The SpaceX Crew Dragon spacecraft is pictured approaching the International Space Station for a docking on Nov. 17, 2020. Credits: NASA
The SpaceX Dragon that arrived to the International Space Station on the company’s 21st resupply services mission for NASA is scheduled to depart on Monday, Jan. 11, loaded with 5,200 pounds of scientific experiments and other cargo. NASA Television and the agency’s website will broadcast its departure live beginning at 9 a.m. EST.
The upgraded Dragon spacecraft will execute the first undocking of a U.S. commercial cargo craft from the International Docking Adapter at 9:25 a.m., with NASA astronaut Victor Glover monitoring aboard the station.
Dragon will fire its thrusters to move a safe distance from the station’s space-facing port of the Harmony module, then initiate a deorbit burn to begin its re-entry sequence into Earth’s atmosphere. Dragon is expected to make its parachute-assisted splashdown around 9 p.m. – the first return of a cargo resupply spacecraft in the Atlantic Ocean. The deorbit burn and splashdown will not air on NASA TV.
Splashing down off the coast of Florida enables quick transportation of the science aboard the capsule to the agency’s Kennedy Space Center’s Space Station Processing Facility, and back into the hands of the researchers. This shorter transportation timeframe allows researchers to collect data with minimal loss of microgravity effects. For splashdowns in the Pacific Ocean, quick-return science cargo is processed at SpaceX’s facility in McGregor, Texas, and delivered to NASA’s Johnson Space Center in Houston.
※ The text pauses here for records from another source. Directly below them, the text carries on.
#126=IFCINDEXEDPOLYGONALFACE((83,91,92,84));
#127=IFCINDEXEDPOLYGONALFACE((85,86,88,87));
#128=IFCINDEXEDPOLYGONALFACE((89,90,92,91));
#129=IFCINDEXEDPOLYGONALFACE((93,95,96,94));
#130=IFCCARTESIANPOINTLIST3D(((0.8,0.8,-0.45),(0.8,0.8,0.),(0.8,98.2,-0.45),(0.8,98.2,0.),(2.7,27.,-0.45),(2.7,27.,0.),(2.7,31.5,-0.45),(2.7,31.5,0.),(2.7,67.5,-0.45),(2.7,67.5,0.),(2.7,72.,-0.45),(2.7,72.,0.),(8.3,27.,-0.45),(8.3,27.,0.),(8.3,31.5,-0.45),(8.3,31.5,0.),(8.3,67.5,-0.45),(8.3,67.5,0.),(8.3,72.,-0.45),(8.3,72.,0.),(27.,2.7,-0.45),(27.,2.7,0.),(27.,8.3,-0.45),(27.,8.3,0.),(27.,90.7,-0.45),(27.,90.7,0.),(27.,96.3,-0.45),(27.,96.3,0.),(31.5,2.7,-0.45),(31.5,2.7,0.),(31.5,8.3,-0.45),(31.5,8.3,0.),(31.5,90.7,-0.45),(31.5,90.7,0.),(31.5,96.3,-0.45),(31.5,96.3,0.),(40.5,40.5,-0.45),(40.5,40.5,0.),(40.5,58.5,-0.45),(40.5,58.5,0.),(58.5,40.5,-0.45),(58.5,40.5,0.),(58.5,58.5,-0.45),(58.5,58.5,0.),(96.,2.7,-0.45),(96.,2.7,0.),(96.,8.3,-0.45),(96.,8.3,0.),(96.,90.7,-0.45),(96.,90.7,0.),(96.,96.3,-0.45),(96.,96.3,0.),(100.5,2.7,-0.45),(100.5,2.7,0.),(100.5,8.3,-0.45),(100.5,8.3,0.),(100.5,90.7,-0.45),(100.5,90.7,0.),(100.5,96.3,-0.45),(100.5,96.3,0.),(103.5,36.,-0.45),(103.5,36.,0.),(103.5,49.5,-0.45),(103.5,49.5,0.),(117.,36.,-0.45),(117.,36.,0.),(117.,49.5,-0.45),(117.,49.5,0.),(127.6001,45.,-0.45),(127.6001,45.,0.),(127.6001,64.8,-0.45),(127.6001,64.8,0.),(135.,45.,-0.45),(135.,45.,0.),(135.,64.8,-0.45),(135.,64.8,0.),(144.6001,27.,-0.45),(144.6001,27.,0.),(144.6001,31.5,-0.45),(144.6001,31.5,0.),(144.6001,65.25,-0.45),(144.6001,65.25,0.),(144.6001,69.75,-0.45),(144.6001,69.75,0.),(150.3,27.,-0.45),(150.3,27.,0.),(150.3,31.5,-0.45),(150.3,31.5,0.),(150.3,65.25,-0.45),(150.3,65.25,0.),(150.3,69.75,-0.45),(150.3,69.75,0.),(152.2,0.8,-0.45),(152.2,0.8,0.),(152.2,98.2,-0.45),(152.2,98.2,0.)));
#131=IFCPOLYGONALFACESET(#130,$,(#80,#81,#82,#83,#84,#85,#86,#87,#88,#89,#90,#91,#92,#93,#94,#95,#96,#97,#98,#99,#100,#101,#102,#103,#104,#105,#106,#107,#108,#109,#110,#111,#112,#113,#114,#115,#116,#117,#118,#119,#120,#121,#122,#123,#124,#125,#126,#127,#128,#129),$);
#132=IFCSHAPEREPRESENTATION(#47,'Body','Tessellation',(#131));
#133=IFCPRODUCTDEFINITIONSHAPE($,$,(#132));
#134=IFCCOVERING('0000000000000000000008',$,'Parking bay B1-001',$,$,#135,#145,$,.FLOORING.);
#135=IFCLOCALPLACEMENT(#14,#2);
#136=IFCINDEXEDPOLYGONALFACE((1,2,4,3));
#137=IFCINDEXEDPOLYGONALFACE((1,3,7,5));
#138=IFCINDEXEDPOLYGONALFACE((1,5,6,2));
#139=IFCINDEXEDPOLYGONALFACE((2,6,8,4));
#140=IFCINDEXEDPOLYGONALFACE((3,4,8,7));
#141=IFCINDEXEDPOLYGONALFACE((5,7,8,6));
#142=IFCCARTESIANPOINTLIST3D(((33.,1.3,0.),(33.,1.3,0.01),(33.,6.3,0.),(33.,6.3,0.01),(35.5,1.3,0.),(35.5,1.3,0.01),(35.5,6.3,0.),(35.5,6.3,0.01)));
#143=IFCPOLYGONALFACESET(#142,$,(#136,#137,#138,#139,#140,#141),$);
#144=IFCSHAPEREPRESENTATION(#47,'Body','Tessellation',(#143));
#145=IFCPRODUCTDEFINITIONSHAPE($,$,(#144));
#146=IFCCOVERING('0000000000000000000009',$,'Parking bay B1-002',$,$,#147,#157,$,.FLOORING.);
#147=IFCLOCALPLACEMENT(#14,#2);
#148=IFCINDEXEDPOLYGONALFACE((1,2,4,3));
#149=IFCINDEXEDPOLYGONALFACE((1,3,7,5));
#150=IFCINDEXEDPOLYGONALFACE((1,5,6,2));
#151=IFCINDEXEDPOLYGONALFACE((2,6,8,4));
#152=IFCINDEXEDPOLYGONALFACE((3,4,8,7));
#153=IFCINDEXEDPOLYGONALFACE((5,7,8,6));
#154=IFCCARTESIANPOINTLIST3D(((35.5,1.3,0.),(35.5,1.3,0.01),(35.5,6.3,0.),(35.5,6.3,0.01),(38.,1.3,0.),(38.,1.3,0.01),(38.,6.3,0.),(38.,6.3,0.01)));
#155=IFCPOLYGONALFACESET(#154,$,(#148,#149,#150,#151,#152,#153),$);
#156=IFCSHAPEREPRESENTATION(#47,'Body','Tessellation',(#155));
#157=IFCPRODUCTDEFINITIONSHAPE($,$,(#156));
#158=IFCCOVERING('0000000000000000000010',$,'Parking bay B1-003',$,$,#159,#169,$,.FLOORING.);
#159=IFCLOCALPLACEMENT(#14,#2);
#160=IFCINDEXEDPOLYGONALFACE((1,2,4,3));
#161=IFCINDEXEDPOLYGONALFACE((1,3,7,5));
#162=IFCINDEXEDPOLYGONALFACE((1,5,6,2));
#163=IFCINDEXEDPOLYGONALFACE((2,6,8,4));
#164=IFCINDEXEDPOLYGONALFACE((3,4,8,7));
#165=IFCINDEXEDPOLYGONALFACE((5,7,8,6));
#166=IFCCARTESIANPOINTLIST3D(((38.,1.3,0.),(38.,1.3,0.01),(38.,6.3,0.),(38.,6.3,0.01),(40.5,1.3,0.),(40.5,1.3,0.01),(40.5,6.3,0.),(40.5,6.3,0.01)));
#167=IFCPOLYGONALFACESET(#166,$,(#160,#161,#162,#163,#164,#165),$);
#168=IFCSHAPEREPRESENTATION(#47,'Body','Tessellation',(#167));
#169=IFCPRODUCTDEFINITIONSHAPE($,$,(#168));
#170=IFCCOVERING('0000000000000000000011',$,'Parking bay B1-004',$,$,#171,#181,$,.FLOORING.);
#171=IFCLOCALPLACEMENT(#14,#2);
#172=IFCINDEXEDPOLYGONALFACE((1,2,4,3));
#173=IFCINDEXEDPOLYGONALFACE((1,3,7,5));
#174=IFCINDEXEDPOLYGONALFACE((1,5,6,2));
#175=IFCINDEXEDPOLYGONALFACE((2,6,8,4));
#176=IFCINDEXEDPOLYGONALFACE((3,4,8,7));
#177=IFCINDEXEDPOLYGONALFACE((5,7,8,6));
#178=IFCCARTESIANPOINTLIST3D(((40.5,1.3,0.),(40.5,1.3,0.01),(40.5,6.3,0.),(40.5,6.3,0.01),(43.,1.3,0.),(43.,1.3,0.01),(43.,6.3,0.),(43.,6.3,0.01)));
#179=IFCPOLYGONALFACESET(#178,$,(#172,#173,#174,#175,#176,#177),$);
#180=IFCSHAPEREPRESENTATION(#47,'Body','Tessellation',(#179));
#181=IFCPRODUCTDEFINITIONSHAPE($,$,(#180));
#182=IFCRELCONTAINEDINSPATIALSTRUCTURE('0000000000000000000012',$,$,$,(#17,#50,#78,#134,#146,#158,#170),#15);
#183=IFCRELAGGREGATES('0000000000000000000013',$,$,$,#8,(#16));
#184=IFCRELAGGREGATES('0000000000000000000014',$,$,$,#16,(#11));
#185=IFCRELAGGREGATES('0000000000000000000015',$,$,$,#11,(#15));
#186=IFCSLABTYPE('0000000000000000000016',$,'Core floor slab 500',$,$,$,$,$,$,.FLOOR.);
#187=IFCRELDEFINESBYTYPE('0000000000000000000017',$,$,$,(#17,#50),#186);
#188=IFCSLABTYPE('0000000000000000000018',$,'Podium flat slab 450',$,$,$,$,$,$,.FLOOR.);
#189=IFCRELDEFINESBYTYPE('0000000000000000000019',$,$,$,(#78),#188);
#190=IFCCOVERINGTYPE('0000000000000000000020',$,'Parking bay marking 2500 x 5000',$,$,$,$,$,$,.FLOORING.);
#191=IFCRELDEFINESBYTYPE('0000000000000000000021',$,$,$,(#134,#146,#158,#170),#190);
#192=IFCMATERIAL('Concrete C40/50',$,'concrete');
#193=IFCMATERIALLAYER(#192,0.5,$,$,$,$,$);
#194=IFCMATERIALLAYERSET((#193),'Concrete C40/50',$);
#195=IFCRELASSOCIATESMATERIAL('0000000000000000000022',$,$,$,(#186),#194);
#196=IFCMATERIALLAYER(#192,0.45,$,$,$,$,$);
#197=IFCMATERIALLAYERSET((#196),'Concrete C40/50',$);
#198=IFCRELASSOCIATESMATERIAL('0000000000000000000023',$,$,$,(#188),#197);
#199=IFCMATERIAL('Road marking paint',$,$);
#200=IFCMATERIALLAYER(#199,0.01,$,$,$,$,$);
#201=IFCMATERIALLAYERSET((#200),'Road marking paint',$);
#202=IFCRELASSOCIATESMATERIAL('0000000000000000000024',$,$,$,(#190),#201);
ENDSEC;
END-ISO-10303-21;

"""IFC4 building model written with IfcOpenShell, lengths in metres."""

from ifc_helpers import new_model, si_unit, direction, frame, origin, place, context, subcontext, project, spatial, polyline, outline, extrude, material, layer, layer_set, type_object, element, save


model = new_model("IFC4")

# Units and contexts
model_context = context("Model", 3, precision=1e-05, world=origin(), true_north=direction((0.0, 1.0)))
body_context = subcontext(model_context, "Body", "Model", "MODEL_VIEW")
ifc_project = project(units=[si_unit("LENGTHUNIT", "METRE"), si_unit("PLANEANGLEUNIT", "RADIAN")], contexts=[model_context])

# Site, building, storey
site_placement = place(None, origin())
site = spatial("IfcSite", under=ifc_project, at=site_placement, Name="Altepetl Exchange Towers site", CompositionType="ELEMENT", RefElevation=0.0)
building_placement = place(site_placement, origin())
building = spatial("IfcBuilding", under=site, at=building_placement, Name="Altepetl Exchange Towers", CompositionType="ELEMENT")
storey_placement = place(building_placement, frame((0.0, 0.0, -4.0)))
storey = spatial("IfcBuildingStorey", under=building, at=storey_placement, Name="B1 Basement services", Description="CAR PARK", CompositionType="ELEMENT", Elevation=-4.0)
Dragon launched Dec. 6 on a SpaceX Falcon 9 rocket from Launch Complex 39A at NASA’s Kennedy Space Center in Florida, arriving at the station just over 24 hours later and achieving the first autonomous docking of a U.S. commercial cargo resupply spacecraft. Previous arriving cargo Dragon spacecraft were captured and attached to the space station by astronauts operating the station’s robotic Canadarm2. The spacecraft delivered more than 6,400 pounds of hardware, research investigations and crew supplies.
The upgraded cargo Dragon capsule used for this mission contains double the powered locker availability of previous capsules, allowing for a significant increase in the research that can be carried back to Earth.
Some of the scientific investigations Dragon will return to Earth include:
Microgravity causes changes in the workload and shape of the human heart, and it is still unknown whether these changes could become permanent if a person lived more than a year in space. Cardinal Heart studies how changes in gravity affect cardiovascular cells at the cellular and tissue level using 3D-engineered heart tissues, a type of tissue chip. Results could provide new understanding of heart problems on Earth, help identify new treatments, and support development of screening measures to predict cardiovascular risk prior to spaceflight.
This investigation from JAXA (Japan Aerospace Exploration Agency) demonstrates the growth of 3D organ buds from human stem cells to analyze changes in gene expression. Cell cultures on Earth need supportive materials or forces to achieve 3D growth, but in microgravity, cell cultures can expand into three dimensions without those devices. Results from this investigation could demonstrate advantages of using microgravity for cutting-edge developments in regenerative medicine and may contribute to the establishment of technologies needed to create artificial organs.
The sextant used in the Sextant Navigation experiment will be returning to Earth. Sextants have a small telescope-like optical sight to take precise angle measurements between pairs of stars from land or sea, enabling navigation without computer assistance. Sailors have navigated via sextants for centuries, and NASA’s Gemini missions conducted the first sextant sightings from a spacecraft. This investigation tested specific techniques for using a sextant for emergency navigation on spacecraft such as NASA’s Orion, which will carry humans on deep-space missions.
This experiment studies the function of arteries, veins, and lymphatic structures in the eye and changes in the retina of mice before and after spaceflight. The aim is to clarify whether these changes impair visual function. At least 40 percent of astronauts experience vision impairment known as Spaceflight-Associated Neuro-ocular Syndrome (SANS) on long-duration spaceflights, which could adversely affect mission success.
Thermal Amine Scrubber
This technology demonstration tested a method to remove carbon dioxide (CO2) from air aboard the International Space Station, using actively heated and cooled amine beds. Controlling CO2 levels on the station reduces the likelihood of crew members experiencing symptoms of CO2 buildup, which include fatigue, headache, breathing difficulties, strained eyes, and itchy skin.
Bacterial Adhesion and Corrosion
Bacteria and other microorganisms have been shown to grow as biofilm communities in microgravity. This experiment identifies the bacterial genes used during biofilm growth, examines whether these biofilms can corrode stainless steel, and evaluates the effectiveness of a silver-based disinfectant. This investigation could provide insight into better ways to control and remove resistant biofilms, contributing to the success of future long-duration spaceflights.